What are the initial and final measures of $x$ and $t$?
 
Work in radians/second not cm/second.
 
MarkFL said:
What are the initial and final measures of $x$ and $t$?

well for $x$ the initial measure would be $0\pi$ or just $0$ and the final value would be $\pi$ as $t$ goes from $0$ to $30s$

so presume that $P=10x$ in radians.
So if x is $\frac{\pi}{4}$ then $P$ is $\frac{5\pi}{2}$

I guess we are relating the arc length of $MN$ to $x$ and $y$ is $\pi - x$

frankly I have hard time with related rates ...(Wasntme)
 
First write down the rate of change of x specified in radians/second.
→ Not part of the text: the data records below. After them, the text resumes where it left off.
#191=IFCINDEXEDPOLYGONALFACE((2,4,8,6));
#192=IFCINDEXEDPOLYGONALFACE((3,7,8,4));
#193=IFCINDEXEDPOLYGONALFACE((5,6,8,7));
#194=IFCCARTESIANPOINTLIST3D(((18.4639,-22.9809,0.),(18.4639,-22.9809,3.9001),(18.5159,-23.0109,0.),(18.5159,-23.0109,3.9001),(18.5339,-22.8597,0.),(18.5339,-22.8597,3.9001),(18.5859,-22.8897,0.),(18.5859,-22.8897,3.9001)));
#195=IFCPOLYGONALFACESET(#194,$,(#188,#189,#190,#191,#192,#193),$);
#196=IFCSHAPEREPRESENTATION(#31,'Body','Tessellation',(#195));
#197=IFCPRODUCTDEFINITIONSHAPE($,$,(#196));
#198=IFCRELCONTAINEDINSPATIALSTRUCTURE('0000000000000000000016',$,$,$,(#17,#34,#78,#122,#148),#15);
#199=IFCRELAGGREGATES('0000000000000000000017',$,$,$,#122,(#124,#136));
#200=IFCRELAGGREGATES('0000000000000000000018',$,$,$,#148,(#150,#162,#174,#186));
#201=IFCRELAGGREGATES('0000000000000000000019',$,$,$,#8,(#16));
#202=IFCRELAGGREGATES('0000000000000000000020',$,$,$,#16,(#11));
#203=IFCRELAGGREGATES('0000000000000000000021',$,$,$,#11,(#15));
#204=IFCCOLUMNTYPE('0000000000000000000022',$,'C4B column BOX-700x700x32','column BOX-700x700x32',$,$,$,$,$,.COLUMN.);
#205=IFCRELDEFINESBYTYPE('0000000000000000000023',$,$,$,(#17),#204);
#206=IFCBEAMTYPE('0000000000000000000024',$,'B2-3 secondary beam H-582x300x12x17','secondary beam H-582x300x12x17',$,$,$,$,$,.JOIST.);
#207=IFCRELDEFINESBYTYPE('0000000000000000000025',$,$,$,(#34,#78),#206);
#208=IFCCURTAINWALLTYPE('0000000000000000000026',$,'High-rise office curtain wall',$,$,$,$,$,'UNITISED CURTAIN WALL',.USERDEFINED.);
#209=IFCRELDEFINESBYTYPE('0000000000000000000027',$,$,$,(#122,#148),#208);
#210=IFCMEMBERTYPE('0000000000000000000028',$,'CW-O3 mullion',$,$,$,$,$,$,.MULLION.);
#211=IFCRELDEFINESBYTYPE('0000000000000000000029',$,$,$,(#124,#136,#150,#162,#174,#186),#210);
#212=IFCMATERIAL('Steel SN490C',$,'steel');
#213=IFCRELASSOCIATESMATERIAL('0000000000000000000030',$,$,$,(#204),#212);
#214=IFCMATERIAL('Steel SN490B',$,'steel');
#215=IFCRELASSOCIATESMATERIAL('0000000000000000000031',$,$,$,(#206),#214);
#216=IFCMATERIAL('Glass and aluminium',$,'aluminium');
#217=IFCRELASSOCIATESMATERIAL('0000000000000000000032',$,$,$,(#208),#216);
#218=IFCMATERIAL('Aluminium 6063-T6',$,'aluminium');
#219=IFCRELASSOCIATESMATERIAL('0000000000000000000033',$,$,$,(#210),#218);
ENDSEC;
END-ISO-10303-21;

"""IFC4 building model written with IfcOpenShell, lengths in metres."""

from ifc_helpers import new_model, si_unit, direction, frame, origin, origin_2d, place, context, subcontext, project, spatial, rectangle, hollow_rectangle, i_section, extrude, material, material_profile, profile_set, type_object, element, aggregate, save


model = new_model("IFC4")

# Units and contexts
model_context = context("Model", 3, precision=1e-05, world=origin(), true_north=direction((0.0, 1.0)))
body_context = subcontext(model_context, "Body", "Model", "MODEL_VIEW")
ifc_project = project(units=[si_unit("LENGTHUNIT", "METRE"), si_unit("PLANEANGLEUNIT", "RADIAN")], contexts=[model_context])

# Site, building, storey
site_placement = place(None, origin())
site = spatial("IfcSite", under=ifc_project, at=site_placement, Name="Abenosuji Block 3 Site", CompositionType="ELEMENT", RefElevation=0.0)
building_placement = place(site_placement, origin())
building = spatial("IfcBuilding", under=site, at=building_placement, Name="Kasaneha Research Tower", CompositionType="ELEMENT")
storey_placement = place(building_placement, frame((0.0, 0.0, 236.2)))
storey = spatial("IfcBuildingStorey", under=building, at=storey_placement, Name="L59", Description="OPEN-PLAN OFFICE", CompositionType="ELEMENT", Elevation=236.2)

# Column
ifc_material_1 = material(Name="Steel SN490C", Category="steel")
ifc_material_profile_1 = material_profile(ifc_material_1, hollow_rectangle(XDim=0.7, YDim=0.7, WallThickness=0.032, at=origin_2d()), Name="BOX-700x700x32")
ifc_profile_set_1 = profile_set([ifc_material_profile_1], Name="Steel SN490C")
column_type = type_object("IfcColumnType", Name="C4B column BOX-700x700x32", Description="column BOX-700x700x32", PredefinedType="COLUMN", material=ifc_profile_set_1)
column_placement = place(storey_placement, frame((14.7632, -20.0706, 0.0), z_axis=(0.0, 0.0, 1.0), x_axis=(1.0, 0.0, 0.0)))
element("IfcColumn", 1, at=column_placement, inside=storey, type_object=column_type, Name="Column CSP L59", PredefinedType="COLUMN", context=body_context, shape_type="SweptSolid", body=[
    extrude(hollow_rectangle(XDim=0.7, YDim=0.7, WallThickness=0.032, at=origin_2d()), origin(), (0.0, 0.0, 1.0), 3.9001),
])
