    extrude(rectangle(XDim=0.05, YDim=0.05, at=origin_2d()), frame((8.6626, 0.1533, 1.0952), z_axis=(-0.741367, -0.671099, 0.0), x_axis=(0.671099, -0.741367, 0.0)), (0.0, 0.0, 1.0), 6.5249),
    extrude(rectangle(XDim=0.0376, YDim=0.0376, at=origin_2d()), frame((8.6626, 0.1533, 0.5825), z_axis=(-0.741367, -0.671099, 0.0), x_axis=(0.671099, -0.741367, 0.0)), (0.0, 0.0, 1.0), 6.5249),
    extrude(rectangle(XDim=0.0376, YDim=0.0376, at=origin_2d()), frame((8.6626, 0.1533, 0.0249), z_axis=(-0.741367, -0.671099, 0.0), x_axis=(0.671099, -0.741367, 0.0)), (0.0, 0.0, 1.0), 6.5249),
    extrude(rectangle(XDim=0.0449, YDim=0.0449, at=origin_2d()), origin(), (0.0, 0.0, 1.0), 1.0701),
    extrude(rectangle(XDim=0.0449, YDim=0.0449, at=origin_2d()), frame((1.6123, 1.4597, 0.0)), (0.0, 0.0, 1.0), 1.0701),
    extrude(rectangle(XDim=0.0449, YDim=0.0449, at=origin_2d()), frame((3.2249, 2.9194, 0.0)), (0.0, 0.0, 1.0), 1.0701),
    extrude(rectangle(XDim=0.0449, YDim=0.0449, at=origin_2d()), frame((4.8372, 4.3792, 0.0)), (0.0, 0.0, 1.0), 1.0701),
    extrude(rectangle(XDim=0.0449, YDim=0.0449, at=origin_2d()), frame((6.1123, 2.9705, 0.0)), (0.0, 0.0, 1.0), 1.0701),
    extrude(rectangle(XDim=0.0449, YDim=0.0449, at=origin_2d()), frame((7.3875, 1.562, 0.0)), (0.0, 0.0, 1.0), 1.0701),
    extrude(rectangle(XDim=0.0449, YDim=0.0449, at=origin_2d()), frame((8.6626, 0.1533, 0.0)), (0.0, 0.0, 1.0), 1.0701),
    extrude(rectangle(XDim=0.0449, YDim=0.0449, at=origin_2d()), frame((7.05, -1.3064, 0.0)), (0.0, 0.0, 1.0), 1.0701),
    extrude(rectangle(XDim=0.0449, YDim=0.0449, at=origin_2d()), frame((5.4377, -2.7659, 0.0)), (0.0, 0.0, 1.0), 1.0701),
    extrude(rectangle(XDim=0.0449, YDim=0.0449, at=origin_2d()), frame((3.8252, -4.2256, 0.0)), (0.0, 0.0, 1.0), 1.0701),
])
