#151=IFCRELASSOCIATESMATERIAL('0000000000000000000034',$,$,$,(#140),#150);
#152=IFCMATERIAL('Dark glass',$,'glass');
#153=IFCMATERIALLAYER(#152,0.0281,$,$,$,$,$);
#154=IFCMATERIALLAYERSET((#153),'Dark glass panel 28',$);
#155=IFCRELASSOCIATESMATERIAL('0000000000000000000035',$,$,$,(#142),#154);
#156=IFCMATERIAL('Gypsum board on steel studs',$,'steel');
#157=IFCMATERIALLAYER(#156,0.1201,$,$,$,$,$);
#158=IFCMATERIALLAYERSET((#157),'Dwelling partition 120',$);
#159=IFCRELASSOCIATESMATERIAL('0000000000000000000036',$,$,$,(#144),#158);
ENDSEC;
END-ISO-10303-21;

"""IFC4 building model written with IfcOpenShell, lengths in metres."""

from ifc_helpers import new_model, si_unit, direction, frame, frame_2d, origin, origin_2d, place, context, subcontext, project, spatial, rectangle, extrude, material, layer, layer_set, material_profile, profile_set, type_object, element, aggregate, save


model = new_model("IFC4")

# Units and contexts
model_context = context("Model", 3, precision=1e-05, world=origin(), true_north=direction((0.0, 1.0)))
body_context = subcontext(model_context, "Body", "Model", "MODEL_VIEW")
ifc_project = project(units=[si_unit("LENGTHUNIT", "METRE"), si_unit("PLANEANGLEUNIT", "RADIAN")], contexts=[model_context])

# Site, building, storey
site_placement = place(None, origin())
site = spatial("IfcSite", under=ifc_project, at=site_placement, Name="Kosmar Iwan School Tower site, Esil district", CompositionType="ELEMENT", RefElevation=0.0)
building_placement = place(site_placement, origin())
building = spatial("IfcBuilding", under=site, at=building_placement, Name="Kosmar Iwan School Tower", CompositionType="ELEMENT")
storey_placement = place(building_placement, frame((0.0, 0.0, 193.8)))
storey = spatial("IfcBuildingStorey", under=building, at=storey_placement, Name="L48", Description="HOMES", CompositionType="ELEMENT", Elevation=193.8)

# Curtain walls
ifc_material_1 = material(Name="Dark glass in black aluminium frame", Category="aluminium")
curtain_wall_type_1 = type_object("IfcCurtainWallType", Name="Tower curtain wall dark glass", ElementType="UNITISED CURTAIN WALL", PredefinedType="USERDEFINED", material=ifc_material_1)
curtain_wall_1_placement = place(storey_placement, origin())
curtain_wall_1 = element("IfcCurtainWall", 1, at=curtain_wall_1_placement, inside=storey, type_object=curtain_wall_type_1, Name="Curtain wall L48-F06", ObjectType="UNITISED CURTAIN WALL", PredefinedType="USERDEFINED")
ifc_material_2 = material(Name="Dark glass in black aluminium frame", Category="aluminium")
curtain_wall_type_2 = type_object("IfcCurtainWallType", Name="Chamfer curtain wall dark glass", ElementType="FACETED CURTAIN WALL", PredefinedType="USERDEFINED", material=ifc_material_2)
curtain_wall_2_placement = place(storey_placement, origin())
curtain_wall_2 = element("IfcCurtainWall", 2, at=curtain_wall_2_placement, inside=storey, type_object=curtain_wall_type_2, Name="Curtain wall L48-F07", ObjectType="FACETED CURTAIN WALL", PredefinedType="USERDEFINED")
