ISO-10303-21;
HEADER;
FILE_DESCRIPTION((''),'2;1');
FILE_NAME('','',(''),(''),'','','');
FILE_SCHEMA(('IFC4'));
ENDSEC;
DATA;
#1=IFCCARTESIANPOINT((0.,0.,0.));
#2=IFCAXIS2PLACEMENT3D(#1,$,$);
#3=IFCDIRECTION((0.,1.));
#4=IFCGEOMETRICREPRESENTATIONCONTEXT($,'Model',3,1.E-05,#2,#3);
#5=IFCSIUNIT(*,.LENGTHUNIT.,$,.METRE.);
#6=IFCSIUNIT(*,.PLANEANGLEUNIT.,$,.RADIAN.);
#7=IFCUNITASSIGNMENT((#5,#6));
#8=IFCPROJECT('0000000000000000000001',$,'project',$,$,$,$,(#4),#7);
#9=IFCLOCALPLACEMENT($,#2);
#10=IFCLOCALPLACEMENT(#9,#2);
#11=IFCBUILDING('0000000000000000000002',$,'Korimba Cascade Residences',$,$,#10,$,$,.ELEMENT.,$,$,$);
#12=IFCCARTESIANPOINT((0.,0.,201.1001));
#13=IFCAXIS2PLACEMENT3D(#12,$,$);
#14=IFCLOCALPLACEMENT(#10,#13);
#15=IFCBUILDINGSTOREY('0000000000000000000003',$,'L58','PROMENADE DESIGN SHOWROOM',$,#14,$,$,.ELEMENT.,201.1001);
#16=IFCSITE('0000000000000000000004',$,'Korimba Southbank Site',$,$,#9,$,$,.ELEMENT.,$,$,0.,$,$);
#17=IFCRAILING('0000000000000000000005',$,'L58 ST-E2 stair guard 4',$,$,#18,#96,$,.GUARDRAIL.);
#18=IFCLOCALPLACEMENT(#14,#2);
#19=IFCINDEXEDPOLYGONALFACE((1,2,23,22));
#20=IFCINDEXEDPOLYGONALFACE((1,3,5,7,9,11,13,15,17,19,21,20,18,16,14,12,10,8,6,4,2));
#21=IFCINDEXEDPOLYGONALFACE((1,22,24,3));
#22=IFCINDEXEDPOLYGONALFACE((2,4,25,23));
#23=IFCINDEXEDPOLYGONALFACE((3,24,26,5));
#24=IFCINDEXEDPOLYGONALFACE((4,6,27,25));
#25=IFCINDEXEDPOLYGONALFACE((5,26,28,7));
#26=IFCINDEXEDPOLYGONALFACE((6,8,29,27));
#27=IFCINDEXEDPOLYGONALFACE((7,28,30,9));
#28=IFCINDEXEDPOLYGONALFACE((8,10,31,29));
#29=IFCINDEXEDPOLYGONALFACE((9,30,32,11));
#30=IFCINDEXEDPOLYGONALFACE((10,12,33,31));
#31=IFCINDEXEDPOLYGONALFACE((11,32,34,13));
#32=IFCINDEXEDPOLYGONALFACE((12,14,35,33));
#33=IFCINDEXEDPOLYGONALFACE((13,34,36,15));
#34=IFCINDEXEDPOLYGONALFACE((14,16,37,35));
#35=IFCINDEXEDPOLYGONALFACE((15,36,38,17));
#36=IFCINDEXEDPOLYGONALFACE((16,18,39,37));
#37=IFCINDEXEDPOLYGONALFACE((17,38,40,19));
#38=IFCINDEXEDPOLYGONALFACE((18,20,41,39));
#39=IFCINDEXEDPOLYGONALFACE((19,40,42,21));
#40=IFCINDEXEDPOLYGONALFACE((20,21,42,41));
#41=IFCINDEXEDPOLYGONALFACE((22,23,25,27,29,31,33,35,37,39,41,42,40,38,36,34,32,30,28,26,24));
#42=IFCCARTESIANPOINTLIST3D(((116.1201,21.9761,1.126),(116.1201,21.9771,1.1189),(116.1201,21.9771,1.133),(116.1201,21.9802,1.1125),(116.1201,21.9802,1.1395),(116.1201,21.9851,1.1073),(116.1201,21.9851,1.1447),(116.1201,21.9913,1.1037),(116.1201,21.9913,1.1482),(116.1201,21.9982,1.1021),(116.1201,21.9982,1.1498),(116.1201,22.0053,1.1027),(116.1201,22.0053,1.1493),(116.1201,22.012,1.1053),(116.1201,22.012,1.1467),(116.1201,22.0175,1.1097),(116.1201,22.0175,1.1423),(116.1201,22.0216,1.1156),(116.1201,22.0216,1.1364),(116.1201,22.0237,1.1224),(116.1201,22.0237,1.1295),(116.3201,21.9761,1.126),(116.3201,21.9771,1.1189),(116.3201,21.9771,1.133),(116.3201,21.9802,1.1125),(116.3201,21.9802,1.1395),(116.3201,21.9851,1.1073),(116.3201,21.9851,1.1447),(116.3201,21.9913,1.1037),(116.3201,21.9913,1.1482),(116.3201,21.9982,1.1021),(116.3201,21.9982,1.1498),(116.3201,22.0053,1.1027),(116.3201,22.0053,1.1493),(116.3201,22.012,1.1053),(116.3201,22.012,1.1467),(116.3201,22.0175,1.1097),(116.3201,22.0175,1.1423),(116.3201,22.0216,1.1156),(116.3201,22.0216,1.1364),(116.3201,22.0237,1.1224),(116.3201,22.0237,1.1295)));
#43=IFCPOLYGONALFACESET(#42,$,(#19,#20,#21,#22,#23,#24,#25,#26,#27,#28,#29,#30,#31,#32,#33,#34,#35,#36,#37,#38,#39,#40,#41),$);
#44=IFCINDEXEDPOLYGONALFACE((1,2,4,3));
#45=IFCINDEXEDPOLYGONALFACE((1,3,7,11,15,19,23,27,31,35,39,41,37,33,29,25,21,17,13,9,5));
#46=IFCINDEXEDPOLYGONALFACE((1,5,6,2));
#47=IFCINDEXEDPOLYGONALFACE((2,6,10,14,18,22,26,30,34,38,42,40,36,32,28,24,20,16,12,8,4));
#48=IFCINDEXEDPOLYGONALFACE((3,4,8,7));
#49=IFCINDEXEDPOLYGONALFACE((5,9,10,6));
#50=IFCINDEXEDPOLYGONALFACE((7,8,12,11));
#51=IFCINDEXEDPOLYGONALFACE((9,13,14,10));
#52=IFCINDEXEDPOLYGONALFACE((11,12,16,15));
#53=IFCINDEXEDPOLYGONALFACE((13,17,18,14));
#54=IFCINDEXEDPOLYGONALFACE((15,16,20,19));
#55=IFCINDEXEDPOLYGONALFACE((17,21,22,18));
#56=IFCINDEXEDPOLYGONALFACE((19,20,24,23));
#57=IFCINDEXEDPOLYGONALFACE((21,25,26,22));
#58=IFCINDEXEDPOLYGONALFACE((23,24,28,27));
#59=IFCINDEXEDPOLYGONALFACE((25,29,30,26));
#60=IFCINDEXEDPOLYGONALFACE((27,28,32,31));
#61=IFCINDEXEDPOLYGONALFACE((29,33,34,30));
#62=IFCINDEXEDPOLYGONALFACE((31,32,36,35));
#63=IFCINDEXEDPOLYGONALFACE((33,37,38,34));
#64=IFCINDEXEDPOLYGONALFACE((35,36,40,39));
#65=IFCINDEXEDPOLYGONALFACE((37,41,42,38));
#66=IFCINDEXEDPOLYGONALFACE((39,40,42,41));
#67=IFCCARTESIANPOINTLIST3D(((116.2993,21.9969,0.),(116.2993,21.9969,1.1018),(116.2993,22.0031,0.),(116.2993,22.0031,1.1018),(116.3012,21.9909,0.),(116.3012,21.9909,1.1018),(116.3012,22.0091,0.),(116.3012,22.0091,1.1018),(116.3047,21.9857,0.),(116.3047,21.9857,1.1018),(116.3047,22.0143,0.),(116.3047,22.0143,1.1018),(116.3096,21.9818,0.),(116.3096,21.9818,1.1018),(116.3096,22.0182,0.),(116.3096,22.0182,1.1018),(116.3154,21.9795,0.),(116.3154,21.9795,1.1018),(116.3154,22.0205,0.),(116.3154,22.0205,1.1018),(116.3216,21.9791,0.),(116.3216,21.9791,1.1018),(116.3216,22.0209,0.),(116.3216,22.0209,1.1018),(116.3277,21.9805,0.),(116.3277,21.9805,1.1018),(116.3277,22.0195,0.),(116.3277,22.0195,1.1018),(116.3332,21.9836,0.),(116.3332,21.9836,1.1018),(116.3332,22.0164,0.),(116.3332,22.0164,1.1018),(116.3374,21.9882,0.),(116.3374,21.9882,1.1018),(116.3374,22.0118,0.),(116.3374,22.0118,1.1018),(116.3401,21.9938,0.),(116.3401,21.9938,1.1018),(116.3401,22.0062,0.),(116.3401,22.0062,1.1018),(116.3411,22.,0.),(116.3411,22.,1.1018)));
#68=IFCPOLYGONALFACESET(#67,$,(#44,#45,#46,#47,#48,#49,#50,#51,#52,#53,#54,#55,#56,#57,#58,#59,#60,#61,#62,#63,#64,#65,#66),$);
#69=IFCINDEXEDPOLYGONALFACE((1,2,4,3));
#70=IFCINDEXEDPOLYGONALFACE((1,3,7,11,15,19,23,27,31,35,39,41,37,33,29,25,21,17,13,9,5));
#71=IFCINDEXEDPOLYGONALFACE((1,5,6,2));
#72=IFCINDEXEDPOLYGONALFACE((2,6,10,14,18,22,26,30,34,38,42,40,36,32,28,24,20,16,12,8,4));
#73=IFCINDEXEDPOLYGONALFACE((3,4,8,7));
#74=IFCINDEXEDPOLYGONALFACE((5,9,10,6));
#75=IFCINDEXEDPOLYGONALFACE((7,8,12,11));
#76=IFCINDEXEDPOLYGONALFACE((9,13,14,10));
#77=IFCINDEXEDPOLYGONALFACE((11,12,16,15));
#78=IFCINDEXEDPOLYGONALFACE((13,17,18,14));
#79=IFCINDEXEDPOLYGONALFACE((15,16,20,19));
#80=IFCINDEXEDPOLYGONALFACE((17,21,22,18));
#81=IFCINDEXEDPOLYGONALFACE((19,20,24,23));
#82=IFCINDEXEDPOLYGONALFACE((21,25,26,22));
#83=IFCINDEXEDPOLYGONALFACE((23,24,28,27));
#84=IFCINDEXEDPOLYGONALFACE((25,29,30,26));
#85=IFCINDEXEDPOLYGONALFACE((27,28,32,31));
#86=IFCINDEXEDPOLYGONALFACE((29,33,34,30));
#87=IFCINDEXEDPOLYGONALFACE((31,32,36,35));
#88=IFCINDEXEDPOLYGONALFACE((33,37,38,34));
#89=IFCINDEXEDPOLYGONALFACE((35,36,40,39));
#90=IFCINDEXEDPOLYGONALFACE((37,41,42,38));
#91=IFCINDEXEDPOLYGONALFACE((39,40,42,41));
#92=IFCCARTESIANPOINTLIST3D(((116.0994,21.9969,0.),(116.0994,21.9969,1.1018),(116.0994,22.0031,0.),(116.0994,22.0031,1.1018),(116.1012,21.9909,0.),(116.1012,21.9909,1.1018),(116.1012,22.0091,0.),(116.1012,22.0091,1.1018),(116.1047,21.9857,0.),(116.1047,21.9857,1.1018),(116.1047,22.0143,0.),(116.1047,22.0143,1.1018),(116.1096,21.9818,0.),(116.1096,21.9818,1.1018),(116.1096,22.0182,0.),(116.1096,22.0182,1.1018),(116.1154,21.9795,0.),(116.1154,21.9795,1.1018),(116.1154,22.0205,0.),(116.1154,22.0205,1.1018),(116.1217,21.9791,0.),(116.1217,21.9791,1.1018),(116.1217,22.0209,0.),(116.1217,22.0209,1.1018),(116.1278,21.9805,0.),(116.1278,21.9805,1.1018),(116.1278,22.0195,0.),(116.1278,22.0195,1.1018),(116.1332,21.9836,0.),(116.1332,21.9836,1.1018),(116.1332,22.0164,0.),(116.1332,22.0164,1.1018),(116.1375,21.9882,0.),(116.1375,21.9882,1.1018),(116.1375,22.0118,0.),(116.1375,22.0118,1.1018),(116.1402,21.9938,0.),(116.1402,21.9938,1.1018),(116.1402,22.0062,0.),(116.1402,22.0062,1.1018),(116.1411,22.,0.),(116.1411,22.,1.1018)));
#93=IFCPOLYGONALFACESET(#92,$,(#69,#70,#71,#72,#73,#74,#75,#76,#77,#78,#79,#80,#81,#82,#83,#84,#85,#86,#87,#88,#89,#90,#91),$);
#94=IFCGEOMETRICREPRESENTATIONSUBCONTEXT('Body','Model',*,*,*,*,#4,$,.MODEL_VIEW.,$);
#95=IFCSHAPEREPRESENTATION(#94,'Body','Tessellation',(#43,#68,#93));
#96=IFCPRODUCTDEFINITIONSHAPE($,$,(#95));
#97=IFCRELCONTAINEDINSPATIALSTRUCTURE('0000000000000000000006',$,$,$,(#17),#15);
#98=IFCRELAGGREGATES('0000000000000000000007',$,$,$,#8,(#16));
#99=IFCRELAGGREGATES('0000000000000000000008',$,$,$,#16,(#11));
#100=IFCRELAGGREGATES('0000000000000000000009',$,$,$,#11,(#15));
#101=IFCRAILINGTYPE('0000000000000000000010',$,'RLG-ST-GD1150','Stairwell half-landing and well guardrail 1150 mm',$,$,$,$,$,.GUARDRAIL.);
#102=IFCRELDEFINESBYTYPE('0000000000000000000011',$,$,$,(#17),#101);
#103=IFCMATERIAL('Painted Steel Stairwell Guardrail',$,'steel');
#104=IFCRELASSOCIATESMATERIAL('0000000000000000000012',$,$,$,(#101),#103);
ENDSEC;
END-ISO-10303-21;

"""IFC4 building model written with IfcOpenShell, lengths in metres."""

from ifc_helpers import new_model, si_unit, direction, frame, origin, origin_2d, place, context, subcontext, project, spatial, circle, extrude, material, type_object, element, save


model = new_model("IFC4")

# Units and contexts
model_context = context("Model", 3, precision=1e-05, world=origin(), true_north=direction((0.0, 1.0)))
body_context = subcontext(model_context, "Body", "Model", "MODEL_VIEW")
ifc_project = project(units=[si_unit("LENGTHUNIT", "METRE"), si_unit("PLANEANGLEUNIT", "RADIAN")], contexts=[model_context])

# Site, building, storey
site_placement = place(None, origin())
site = spatial("IfcSite", under=ifc_project, at=site_placement, Name="Korimba Southbank Site", CompositionType="ELEMENT", RefElevation=0.0)
building_placement = place(site_placement, origin())
building = spatial("IfcBuilding", under=site, at=building_placement, Name="Korimba Cascade Residences", CompositionType="ELEMENT")
storey_placement = place(building_placement, frame((0.0, 0.0, 201.1001)))
storey = spatial("IfcBuildingStorey", under=building, at=storey_placement, Name="L58", Description="PROMENADE DESIGN SHOWROOM", CompositionType="ELEMENT", Elevation=201.1001)

# Railing
ifc_material_1 = material(Name="Painted Steel Stairwell Guardrail", Category="steel")
railing_type_1 = type_object("IfcRailingType", Name="RLG-ST-GD1150", Description="Stairwell half-landing and well guardrail 1150 mm", PredefinedType="GUARDRAIL", material=ifc_material_1)
railing_1_placement = place(storey_placement, frame((116.3201, 22.0, 0.0)))
element("IfcRailing", 1, at=railing_1_placement, inside=storey, type_object=railing_type_1, Name="L58 ST-E2 stair guard 4", PredefinedType="GUARDRAIL", context=body_context, shape_type="SweptSolid", body=[
    extrude(circle(Radius=0.0239, at=origin_2d()), frame((0.0, 0.0, 1.126), z_axis=(-1.0, 0.0, 0.0), x_axis=(0.0, -1.0, 0.0)), (0.0, 0.0, 1.0), 0.2),
    extrude(circle(Radius=0.021, at=origin_2d()), origin(), (0.0, 0.0, 1.0), 1.1018),
    extrude(circle(Radius=0.021, at=origin_2d()), frame((-0.2, 0.0, 0.0)), (0.0, 0.0, 1.0), 1.1018),
])

save(model, "model.ifc")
Note that x and y are not Cartesian coordinates but angles. The problem statement has told you the rate of change of x; it is a constant value, you do not have to calculate it.

It is unfortunate that the problem statement uses x and y for angles when those variables are usually used to represent Cartesian coordinates. The problem is not very difficult but many things were done to obscure that.

If you drop a perpendicular line from point P to the line MN and call the point of intersection Q then you can use trig functions to calculate the length of PQ.

When the problem statement says "radians p/s", what does "p/s" mean?
 
Last edited:
sorry I took so long to reply to this but need to get back to it.

my understanding of question a is

$$\displaystyle$$
$$\frac{dx}{dt}=\frac{\pi}{30}\text{radians per second}$$
 
Last edited:
karush said:
sorry I took so long to reply to this but need to get back to it.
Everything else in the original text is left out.